I started making this Cleo dungaree dress back in November last year and since then it's been sat in a basket with all my other half-finished projects.
I had trouble sewing the buttonholes through this corduroy fabric - my machine wasn’t feeding the fabric so it would just stitch in one place and tangle up! I threw it on the pile and forgot all about it until I had a similar problem with some buttonholes on a corduroy skirt.
After searching through the instruction book, I discovered that my sewing machine came with an additional stabiliser plate that attaches to the buttonhole foot and helps feed difficult fabrics. This solved all my buttonhole problems and now I want to add buttons to everything!
I made a size 4 with no adjustments except for adding an extra inch to the length. I tried it on just before hemming and it still felt a bit short so I folded it over by 1cm instead of the recommended 3cm.
I used The Crafty Pinup’s button front Cleo tutorial but I changed the width of the button band to suit the size of my buttons. Instead of adding 2 inches plus the seam allowance to each front piece, I added 4cm (folding and pressing at 1cm and then 3cm). I only added 3cm to the facing pieces so I didn’t have to topstitch through extra layers.

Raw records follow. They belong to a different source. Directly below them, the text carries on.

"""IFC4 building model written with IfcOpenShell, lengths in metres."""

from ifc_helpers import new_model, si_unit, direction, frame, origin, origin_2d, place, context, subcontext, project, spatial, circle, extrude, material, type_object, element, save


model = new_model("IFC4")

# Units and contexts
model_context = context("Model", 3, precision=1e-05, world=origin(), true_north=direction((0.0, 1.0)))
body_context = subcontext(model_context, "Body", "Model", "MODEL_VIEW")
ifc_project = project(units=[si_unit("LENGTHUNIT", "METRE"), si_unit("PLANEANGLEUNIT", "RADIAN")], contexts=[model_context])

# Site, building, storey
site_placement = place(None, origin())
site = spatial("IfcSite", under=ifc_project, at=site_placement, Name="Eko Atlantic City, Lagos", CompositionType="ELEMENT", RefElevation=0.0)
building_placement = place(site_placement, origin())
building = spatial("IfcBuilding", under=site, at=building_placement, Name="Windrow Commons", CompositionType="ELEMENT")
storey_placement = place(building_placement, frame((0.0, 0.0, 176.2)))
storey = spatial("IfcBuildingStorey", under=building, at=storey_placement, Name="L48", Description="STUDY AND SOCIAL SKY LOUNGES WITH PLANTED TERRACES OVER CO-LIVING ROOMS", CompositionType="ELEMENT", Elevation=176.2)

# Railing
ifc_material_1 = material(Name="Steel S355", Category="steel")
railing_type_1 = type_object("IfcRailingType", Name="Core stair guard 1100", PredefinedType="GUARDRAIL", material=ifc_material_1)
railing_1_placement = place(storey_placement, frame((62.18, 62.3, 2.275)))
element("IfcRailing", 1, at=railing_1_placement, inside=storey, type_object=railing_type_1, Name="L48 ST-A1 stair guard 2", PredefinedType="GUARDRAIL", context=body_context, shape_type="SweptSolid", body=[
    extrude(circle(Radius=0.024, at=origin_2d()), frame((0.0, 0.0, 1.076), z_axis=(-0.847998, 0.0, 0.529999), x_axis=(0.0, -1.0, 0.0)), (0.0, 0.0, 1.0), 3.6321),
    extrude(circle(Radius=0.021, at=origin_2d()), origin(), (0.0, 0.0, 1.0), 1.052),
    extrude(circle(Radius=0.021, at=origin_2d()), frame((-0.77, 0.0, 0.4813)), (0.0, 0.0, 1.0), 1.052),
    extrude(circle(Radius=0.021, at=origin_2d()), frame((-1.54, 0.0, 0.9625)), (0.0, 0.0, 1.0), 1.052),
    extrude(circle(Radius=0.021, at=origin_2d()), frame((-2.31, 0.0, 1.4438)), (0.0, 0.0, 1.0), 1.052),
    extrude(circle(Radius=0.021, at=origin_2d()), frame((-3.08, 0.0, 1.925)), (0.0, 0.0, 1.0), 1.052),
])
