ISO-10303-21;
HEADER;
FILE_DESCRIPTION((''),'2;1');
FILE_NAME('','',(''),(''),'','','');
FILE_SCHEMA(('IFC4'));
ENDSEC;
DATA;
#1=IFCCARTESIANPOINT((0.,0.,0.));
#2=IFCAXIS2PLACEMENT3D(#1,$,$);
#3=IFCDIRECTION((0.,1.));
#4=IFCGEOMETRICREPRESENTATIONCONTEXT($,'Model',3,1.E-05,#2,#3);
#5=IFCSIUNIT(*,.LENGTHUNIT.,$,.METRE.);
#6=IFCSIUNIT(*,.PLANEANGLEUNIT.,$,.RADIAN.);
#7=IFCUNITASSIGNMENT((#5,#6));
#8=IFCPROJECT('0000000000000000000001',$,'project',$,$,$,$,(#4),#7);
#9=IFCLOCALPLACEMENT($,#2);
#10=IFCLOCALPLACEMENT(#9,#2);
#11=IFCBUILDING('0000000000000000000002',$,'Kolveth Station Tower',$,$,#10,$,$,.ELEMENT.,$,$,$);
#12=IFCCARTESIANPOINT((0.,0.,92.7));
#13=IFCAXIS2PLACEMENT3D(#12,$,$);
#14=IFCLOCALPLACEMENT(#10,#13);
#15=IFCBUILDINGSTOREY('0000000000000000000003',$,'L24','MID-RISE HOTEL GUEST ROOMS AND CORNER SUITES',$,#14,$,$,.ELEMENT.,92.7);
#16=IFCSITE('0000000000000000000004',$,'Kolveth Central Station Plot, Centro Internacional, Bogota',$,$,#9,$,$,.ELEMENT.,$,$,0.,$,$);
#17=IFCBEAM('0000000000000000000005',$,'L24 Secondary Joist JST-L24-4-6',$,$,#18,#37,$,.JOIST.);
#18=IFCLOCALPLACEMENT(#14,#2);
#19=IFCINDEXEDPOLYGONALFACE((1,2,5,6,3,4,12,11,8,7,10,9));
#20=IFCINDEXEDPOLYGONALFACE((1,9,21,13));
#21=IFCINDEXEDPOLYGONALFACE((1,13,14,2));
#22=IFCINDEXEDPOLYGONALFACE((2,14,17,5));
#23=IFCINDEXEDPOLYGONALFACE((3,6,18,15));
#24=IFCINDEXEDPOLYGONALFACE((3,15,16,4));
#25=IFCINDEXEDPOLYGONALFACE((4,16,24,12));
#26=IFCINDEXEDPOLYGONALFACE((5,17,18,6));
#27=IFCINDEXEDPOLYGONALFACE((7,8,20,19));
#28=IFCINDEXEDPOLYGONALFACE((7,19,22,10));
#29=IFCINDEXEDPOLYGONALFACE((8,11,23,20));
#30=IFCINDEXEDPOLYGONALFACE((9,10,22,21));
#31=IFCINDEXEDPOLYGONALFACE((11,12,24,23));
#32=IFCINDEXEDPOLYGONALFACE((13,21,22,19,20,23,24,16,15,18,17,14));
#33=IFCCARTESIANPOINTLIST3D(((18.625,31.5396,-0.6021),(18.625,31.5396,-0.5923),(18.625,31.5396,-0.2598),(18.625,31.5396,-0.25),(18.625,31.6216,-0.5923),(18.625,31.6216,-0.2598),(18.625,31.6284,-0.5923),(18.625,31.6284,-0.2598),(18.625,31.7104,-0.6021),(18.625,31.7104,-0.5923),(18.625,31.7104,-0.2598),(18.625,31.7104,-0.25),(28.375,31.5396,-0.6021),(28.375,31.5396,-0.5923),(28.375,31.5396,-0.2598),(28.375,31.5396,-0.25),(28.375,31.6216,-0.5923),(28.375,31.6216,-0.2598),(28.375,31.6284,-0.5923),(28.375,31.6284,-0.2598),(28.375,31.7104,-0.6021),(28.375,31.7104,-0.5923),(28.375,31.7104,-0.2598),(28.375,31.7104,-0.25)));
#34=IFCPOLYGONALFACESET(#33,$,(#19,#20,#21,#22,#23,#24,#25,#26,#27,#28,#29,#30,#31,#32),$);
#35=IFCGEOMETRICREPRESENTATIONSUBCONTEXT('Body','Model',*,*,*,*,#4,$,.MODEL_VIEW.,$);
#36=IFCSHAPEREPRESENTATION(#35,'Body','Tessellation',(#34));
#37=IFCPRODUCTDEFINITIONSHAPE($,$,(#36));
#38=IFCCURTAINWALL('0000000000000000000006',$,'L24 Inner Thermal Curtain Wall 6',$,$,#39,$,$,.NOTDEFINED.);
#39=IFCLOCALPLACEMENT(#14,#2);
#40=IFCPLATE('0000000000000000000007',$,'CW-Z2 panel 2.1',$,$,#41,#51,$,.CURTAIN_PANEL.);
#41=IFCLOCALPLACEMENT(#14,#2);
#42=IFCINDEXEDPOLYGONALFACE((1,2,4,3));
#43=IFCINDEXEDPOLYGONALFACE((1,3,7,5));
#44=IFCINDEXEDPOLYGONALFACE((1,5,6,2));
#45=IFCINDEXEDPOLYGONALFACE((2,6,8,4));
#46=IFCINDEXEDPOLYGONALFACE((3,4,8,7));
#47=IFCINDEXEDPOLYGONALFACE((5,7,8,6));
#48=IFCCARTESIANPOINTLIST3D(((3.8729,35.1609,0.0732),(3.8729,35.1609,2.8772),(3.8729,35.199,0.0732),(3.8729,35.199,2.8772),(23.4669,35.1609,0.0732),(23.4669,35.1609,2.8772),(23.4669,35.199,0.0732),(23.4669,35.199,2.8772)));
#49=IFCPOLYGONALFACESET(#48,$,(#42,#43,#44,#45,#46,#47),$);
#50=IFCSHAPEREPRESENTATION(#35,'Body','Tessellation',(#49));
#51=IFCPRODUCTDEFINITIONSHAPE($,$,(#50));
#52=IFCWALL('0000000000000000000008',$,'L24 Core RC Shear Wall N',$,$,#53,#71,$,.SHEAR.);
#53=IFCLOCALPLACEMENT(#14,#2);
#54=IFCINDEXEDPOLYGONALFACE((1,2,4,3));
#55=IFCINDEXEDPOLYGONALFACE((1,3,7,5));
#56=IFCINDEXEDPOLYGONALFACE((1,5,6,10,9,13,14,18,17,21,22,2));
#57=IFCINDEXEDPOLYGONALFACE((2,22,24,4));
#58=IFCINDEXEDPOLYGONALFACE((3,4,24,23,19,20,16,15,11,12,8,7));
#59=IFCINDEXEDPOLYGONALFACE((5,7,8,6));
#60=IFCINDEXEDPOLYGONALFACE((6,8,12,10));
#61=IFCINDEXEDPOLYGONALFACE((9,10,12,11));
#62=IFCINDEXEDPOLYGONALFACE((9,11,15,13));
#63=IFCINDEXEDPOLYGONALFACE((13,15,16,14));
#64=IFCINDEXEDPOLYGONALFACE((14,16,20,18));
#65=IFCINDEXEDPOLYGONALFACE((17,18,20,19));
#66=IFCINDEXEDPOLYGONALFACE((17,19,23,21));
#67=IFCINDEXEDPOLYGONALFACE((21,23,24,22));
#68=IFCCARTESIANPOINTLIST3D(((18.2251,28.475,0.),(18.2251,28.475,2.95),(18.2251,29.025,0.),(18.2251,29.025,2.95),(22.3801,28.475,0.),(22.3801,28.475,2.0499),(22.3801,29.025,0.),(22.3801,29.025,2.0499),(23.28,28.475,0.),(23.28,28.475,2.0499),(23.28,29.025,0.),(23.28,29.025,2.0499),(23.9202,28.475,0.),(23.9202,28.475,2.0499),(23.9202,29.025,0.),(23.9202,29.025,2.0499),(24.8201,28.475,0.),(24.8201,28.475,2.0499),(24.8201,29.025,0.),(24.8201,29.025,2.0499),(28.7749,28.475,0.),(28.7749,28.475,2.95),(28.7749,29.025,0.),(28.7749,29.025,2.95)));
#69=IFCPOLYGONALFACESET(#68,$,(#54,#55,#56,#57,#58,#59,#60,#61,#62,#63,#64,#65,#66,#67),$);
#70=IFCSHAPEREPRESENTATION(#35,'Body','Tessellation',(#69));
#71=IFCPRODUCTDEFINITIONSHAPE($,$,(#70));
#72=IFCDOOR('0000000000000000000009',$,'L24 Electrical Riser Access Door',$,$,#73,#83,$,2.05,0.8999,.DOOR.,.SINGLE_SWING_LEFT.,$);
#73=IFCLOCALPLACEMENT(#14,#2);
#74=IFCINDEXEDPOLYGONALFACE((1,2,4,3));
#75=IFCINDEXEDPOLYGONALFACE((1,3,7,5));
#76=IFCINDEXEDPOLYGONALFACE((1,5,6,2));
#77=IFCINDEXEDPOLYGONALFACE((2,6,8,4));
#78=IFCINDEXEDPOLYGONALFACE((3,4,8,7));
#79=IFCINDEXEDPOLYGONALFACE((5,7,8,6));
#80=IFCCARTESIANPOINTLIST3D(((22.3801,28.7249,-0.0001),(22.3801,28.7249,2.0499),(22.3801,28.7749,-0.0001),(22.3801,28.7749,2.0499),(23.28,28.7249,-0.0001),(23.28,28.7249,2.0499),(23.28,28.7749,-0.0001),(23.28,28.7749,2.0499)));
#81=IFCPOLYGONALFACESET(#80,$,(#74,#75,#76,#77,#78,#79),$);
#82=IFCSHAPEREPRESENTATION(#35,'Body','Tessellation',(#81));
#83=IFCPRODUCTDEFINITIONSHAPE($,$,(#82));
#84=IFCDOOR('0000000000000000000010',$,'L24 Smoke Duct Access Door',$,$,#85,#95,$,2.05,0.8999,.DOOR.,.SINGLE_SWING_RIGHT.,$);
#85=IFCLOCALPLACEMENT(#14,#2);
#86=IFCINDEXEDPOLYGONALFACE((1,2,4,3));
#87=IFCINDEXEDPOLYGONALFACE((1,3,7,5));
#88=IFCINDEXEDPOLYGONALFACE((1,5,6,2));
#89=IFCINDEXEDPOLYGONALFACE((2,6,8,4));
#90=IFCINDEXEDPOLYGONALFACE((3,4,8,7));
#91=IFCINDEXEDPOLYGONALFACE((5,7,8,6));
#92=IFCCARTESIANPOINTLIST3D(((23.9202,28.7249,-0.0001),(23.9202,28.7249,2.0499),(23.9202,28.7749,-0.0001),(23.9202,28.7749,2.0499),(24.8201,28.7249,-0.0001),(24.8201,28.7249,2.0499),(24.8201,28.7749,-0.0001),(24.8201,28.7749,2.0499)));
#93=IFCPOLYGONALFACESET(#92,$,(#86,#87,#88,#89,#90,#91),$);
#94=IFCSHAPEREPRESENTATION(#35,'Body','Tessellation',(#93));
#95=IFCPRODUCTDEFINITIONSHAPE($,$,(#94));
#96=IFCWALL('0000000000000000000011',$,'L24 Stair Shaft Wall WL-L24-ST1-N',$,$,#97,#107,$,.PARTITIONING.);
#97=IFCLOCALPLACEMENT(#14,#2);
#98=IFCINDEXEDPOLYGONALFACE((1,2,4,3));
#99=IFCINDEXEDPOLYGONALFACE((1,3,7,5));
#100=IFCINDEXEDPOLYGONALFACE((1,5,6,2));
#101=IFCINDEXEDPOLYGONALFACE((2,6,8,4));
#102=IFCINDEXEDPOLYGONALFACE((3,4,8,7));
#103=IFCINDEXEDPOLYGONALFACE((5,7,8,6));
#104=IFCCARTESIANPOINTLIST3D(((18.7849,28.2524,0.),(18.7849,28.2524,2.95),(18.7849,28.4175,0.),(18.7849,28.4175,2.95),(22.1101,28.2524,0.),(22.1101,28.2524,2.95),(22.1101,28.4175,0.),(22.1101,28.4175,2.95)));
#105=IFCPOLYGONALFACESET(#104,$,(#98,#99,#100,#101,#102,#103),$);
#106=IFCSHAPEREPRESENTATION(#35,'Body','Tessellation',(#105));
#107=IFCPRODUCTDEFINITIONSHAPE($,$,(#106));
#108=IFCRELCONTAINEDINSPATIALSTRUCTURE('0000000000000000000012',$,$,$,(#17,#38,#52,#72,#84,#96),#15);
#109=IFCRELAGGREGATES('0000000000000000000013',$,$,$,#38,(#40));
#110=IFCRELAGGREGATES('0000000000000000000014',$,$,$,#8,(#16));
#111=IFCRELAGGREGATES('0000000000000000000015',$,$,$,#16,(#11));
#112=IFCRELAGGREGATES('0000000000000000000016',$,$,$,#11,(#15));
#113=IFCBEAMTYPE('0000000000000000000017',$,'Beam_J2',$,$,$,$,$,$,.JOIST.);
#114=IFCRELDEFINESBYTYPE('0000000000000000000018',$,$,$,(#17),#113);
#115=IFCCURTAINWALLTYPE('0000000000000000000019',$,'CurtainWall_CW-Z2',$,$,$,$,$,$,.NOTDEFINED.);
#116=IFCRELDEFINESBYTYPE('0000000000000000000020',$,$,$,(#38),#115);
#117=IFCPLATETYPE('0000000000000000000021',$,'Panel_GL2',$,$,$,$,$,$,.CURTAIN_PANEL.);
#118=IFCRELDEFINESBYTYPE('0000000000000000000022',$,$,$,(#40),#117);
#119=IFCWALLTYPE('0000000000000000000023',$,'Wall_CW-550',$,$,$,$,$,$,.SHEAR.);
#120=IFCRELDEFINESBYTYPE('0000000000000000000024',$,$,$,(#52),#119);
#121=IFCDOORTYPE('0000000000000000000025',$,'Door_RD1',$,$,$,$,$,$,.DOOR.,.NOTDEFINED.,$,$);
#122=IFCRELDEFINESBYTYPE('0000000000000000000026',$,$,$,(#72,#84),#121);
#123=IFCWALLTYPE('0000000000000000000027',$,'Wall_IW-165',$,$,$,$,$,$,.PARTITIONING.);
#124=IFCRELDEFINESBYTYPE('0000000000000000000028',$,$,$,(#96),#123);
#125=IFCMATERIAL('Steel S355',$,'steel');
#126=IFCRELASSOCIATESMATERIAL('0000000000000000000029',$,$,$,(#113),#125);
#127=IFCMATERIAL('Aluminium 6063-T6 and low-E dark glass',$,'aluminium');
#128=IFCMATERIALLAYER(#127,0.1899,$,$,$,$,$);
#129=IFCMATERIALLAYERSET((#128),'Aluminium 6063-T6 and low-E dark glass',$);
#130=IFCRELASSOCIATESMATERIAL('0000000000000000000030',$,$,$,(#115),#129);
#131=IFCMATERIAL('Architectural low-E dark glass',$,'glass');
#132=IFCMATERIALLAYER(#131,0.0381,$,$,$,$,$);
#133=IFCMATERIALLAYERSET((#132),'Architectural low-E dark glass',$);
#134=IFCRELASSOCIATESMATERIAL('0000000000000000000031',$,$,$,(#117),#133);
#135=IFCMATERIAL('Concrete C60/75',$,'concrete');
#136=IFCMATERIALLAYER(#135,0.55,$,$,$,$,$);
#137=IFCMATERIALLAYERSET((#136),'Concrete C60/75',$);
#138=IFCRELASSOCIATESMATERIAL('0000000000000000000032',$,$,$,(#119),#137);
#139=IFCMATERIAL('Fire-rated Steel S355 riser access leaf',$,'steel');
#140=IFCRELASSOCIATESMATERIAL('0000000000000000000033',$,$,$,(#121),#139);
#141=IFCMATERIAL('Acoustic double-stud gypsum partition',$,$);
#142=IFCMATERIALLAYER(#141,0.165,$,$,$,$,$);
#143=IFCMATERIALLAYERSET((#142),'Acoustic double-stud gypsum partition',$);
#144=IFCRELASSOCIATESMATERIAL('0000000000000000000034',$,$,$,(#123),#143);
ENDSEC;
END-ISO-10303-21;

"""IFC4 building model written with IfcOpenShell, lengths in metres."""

from ifc_helpers import new_model, si_unit, direction, frame, frame_2d, origin, origin_2d, place, context, subcontext, project, spatial, rectangle, i_section, extrude, source, transform, mapped, material, layer, layer_set, material_profile, profile_set, type_object, element, fill, aggregate, save


model = new_model("IFC4")

# Units and contexts
model_context = context("Model", 3, precision=1e-05, world=origin(), true_north=direction((0.0, 1.0)))
body_context = subcontext(model_context, "Body", "Model", "MODEL_VIEW")
ifc_project = project(units=[si_unit("LENGTHUNIT", "METRE"), si_unit("PLANEANGLEUNIT", "RADIAN")], contexts=[model_context])

# Site, building, storey
site_placement = place(None, origin())
site = spatial("IfcSite", under=ifc_project, at=site_placement, Name="Kolveth Central Station Plot, Centro Internacional, Bogota", CompositionType="ELEMENT", RefElevation=0.0)
building_placement = place(site_placement, origin())
building = spatial("IfcBuilding", under=site, at=building_placement, Name="Kolveth Station Tower", CompositionType="ELEMENT")
storey_placement = place(building_placement, frame((0.0, 0.0, 92.7)))
storey = spatial("IfcBuildingStorey", under=building, at=storey_placement, Name="L24", Description="MID-RISE HOTEL GUEST ROOMS AND CORNER SUITES", CompositionType="ELEMENT", Elevation=92.7)

# Shared definitions
ifc_material_1 = material(Name="Steel S355", Category="steel")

I accidentally started my first buttonhole too far down (it starts 2cm from the top when it should have been 1cm) but I didn’t notice until it was too late so it will forever bug me! I used plain hammer-on jeans buttons to contrast the textured needlecord and added matching sliders to my straps so I can adjust them if they shrink or stretch over time. For the facings I used a beautiful pink and navy Rifle Paper Co quilting cotton. I don’t own an overlocker so I finished the edges with the double zigzag stitch on my sewing machine with the overedge foot.

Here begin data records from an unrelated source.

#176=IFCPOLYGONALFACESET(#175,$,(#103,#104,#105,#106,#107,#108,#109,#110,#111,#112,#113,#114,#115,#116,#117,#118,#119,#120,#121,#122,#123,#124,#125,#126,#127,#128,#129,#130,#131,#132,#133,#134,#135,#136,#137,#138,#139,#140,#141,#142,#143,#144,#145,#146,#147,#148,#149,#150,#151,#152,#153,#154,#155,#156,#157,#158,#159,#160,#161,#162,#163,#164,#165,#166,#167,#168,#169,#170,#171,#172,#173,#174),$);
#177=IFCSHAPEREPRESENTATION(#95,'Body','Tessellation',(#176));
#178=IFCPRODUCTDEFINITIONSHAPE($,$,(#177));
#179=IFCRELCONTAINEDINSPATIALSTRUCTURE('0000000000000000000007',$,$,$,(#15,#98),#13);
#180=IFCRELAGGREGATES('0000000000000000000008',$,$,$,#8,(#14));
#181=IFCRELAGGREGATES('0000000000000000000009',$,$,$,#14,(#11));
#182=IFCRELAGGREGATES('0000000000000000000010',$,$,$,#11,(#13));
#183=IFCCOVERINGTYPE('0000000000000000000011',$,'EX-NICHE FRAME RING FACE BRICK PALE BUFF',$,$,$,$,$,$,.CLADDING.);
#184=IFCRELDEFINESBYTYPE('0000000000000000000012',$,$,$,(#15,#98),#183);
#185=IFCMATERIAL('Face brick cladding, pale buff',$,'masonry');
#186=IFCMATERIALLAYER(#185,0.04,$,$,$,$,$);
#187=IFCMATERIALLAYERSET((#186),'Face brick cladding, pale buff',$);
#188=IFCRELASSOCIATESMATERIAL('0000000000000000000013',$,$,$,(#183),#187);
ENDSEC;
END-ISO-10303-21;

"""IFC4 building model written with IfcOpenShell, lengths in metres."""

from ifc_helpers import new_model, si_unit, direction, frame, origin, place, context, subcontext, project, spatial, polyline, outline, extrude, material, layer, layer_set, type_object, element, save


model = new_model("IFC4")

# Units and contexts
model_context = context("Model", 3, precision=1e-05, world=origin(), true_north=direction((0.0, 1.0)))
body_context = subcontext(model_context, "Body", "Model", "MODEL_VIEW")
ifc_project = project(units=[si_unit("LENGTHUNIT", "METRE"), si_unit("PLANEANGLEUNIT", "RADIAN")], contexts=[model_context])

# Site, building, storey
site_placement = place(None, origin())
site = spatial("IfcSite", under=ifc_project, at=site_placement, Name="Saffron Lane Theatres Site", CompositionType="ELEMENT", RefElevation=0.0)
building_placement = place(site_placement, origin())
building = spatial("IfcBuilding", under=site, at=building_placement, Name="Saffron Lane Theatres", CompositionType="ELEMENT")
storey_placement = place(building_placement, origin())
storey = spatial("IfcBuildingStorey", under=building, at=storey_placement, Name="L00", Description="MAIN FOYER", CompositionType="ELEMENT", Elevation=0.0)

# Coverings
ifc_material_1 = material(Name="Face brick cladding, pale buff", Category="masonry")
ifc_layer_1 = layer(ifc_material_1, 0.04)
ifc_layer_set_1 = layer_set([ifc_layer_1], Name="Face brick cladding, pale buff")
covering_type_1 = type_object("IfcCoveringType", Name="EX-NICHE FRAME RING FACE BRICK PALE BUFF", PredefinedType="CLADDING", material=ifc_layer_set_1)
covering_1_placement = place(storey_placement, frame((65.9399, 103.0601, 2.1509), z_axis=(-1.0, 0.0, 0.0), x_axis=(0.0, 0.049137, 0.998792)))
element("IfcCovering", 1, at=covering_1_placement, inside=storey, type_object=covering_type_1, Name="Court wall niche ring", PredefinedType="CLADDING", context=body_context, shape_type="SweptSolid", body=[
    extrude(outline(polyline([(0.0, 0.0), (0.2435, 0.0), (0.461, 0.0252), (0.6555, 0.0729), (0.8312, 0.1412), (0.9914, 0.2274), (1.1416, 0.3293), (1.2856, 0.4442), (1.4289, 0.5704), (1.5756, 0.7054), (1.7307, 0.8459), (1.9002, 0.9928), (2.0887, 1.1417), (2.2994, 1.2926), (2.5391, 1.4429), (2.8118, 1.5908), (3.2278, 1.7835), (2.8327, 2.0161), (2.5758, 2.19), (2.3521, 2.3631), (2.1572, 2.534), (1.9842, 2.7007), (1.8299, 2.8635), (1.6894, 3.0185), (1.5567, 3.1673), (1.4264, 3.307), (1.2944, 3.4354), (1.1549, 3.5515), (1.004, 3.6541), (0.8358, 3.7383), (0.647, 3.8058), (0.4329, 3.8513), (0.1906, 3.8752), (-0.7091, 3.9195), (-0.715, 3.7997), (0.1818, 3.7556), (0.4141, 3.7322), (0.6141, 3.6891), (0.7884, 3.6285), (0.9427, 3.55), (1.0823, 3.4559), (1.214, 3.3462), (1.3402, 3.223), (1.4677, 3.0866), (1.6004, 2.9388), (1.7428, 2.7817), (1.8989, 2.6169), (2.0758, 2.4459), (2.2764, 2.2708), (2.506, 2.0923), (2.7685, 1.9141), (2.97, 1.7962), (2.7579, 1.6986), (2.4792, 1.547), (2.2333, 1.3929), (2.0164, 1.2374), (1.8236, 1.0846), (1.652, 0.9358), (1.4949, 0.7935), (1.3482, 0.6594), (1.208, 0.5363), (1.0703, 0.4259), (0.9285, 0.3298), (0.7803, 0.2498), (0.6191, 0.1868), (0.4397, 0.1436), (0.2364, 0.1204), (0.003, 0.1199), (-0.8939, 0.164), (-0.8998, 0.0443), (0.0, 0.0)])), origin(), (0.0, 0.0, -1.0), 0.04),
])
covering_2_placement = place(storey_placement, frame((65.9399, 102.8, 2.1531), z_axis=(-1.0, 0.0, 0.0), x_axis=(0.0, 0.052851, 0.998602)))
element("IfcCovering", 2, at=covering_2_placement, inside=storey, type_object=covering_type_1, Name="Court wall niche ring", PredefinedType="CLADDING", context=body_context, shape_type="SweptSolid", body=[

You can't really see the pin I'm wearing with my dungaree dress so here's a close up. It's the beautiful 'me made' enamel pin from Pink Coat Club. The fabric is from Wear Lemonade which you'll see more of in my next blog post.
I’m not entirely happy with the outfit photos because I look (and feel) really awkward on camera. I’ve set myself a challenge to add at least one blog post every two weeks regardless of whether or not I’m entirely happy with the quality of the content because I need to stop overthinking things and learn by doing. Whilst listening to a podcast earlier today, I was reminded of a relevant story from the book Art & Fear:
The ceramics teacher announced on opening day that he was dividing the class into two groups. All those on the left side of the studio, he said, would be graded solely on the quantity of work they produced, all those on the right solely on its quality. His procedure was simple: on the final day of class he would bring in his bathroom scales and weigh the work of the “quantity” group: fifty pound of pots rated an “A”, forty pounds a “B”, and so on. Those being graded on “quality”, however, needed to produce only one pot – albeit a perfect one – to get an “A”.
Well, came grading time and a curious fact emerged: the works of highest quality were all produced by the group being graded for quantity. It seems that while the “quantity” group was busily churning out piles of work – and learning from their mistakes – the “quality” group had sat theorizing about perfection, and in the end had little more to show for their efforts than grandiose theories and a pile of dead clay.”
I like this idea that quantity leads to quality so I'm trying to adopt this approach with my sewing, writing and photography. On to my next project – but first I need to tackle that shameful pile of unfinished garments!